沈望京拿起其中一件,缓步朝他走近,“那你要送我的礼物是什么?”
“这事,改天再说吧。”简直伏身,慌里慌张地收拾床上的东西。
手指不住地哆嗦着,好像那些东西上附带灼人温度。
“你不要多想。”他想和沈望京更进一步。
好让沈望京安心。
公司计划每年用尽一切手段营销他和他的队友们,其中自然包括炒cp。
他担心沈望京看到后发疯,于是便出此下策。
可惜,并不顺利。
天时地利人不和。
他正红着脸,收拾着乱七八糟的东西,胸口忽然一凉,一只大手顺着衣领直直地伸了进来,“宝宝,你、里、面、怎么没穿衣服?”
“请……你离开我的房间!”
被他手掌抚过的皮肤,像是被马蜂蛰过。
简直颤抖不止。
沈望京扬起唇角,眼中温度灼人,“所以,你给我准备的奖励是你自己吗。

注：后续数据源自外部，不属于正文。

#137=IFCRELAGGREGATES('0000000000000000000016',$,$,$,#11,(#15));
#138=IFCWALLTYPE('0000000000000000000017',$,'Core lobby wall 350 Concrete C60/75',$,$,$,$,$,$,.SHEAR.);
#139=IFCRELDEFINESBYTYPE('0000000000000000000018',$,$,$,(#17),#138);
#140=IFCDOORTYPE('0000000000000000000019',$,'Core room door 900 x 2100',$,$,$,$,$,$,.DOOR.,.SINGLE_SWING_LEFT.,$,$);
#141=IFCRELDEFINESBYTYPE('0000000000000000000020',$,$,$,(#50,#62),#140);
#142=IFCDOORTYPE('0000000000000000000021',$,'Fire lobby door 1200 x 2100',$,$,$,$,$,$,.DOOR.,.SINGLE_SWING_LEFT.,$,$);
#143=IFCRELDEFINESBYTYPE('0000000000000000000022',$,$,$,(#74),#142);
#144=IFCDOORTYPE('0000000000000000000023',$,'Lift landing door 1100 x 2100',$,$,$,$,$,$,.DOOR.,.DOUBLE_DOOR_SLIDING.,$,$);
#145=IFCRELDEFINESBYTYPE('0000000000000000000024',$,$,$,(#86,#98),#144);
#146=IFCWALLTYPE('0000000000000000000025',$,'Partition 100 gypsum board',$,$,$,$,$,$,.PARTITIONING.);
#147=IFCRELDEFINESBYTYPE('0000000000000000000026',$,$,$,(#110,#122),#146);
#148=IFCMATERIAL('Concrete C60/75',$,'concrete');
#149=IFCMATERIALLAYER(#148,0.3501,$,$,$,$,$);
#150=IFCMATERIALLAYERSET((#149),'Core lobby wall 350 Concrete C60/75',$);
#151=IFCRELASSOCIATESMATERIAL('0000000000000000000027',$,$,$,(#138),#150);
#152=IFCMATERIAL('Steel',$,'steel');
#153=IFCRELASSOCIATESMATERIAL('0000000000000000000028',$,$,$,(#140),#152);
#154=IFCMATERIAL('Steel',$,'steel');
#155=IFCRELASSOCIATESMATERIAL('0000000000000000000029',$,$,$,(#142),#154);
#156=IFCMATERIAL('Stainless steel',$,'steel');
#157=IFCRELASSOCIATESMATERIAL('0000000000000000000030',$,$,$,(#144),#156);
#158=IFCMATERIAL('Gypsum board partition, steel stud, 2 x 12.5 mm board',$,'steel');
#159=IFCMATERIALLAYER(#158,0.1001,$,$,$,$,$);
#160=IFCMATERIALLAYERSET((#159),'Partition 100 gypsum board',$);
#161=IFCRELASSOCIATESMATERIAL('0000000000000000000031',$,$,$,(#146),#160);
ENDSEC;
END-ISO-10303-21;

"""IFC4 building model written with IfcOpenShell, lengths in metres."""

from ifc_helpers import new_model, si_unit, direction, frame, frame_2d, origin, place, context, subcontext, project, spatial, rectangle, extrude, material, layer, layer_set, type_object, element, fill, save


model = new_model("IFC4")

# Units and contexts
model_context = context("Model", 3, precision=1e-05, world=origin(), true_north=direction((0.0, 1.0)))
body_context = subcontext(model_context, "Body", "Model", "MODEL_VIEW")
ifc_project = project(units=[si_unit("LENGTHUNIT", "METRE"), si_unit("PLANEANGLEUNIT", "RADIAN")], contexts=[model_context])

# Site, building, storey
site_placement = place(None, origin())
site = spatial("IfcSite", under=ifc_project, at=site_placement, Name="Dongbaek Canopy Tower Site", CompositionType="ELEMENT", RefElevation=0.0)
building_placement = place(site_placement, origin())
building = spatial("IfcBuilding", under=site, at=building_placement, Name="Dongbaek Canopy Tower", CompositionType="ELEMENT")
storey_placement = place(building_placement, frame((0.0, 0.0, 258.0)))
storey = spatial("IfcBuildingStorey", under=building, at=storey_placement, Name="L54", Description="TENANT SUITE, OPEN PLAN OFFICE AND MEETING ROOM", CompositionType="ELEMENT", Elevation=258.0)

”
“滚开。”
简直心虚地说,抗拒的动作明显小了很多。
他不想玩弄别人的感情。
沈望京惜他如命。
他自然甘愿与他共白首。
“中奖还有兑换期限呢,我晚几分钟领取不算违规。”沈望京在合适的场合总能把不要脸展现的淋漓尽致,他拉开简直的棉服外套,目光有着前所未有的火热。
“可是我现在没心情和你做下去。”
简直扶床坐下。
“没关系。”沈望京摇头,慢声说,“不要求你乐在其中,第一次记住一下我的尺寸就好,下次别买错了。”
“可以拆开你了吗?我的礼物。”
简直侧头默许。
拉开拉链,沈望京看到………
瞬间呼吸一滞。
他浑身气血沸腾,俯身亲吻礼物的眼角,“谢谢你,再次把我带进这个五彩缤纷的世界里。”
接下来的|吻\/是充满侵\/占性的。
不经意间,看到他贪婪的目光,简直侧头躲避他的触摸,“我有点……怕了。”
然而,下一秒。
…………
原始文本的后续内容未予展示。